1987-1992 : consultant auprès de l'Unesco. Consultant auprès du Conseil de l'Europe (Rapporteur du Comité chargé de l'évaluation de la politique culturelle de l'Espagne). Membre du Conseil Scientifique du "Certificat européen en administration et gestion culturelle" (Fondation Marcel Hicter, Communauté Française de Belgique). Membre du Comité d'Orientation des "Formations internationales à la conception, décision et gestion culturelles" (DAI-ANFIAC, Ministère de la Culture, France). Membre du Conseil d'administration d'AFRICREATION. Membre du comité national pour la célébration du cinquième centenaire de la Rencontre des deux Mondes. Membre du comité d'honneur de l'ARCI. Membre du comité de rédaction de Revue Noire. Chargé de mission par l'Association française d'action artistique (AFAA). Chargé de mission pour la Maison de la Culture de Bourges. Classement au patrimoine mondial de la Cathédrale de Bourges. Colloque international Brecht avec les amis de toujours de l'UTN, Denis Bablet, Bernard Dort et André-Louis Périnetti.
1993 : contrat avec l'Unesco pour préfigurer une Université itinérante en Afrique. Participation en février au Festival au Bénin qui célèbre les retrouvailles des racines communes du "Vaudou" et des langues, entre africains et brésiliens.
28 mars 1993 : Mort à Trouville
Anciens collaborateurs : Béatrice Tanaka, son assistante à l'Université du Théâtre des Nations, et André-Louis Périnetti, qui lui a succédé à la direction de l'UTN après en avoir été stagiaire.
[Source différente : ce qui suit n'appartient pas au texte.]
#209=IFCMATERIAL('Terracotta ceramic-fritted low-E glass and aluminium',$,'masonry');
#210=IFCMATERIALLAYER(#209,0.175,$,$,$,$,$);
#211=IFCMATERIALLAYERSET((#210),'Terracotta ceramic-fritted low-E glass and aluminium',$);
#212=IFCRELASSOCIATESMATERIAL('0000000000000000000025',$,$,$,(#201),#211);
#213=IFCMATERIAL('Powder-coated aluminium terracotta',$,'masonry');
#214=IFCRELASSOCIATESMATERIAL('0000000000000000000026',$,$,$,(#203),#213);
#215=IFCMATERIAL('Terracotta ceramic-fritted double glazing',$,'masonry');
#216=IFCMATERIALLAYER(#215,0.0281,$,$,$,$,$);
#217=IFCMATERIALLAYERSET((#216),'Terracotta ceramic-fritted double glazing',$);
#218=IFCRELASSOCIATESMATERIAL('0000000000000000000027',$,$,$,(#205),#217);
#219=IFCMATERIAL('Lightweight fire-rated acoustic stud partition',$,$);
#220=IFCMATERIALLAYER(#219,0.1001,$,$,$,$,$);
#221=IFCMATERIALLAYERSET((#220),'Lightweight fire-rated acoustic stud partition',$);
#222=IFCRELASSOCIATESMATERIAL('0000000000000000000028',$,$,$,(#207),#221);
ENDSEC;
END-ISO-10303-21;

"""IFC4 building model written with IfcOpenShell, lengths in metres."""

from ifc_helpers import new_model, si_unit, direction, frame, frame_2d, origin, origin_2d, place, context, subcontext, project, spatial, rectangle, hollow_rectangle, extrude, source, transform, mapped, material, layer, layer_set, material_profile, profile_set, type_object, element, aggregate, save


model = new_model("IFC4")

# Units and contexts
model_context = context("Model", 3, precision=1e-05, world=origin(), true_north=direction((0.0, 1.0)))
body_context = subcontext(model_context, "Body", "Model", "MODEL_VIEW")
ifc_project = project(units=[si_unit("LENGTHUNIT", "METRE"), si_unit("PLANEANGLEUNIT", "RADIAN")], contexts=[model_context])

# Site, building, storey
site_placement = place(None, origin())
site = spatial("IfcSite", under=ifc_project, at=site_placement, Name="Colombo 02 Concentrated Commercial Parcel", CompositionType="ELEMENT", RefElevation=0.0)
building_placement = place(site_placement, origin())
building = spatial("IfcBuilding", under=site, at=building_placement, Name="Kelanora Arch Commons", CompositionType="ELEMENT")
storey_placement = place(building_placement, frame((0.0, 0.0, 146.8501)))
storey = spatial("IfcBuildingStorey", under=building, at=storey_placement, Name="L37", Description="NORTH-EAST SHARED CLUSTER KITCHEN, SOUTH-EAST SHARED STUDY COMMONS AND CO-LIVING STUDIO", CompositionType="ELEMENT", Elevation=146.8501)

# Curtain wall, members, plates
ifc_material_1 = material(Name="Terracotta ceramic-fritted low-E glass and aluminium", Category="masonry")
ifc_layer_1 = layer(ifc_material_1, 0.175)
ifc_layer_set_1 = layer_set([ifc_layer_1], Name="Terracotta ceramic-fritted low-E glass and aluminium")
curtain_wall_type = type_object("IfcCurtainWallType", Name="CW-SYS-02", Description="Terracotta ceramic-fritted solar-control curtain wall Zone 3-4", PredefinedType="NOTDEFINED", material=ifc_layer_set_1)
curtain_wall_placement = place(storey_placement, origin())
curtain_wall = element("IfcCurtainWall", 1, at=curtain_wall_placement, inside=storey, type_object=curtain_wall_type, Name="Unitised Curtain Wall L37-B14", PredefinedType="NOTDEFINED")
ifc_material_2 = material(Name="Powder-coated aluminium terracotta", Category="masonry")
Informations sur les modalités d’entrée

Donné au département des Arts du spectacle de la Bibliothèque nationale de France en novembre 2013 par son épouse Madame Christiane Botbol. Numéro d'inventaire : DON-ASP-2013-37.

Présentation du contenu

Manuscrits, archives, photographies, masques, marionnettes, maquette en volume.

Conditions d'accès

Vous pouvez préparer votre venue au département des Arts du spectacle en réservant vos documents à distance à partir du présent inventaire, en cliquant sur l'icône "Calendrier" qui figure à gauche des descriptions de documents.
Pour pouvoir réserver à distance, vous devez posséder une carte de lecteur en cours de validité et donnant accès à la Bibliothèque de recherche, et créer votre propre espace personnel sur le site Web de la BnF à cette adresse.
Ce fonds est consultable uniquement en place réserve (à demander à l'entrée de la salle de lecture).
Il est conservé dans les magasins d'un site distant. Un délai de 48 à 72 heures est donc nécessaire pour obtenir la communication des documents qui le constituent. Un document demandé jusqu'à 17 h 45 est disponible le surlendemain à 10 h (pour les demandes effectuées du vendredi 17 h 45 au lundi 10 h, compter 1 jour de plus).

Documents en relation

Fonds Béatrice Tanaka, également conservé au département des Arts du spectacle.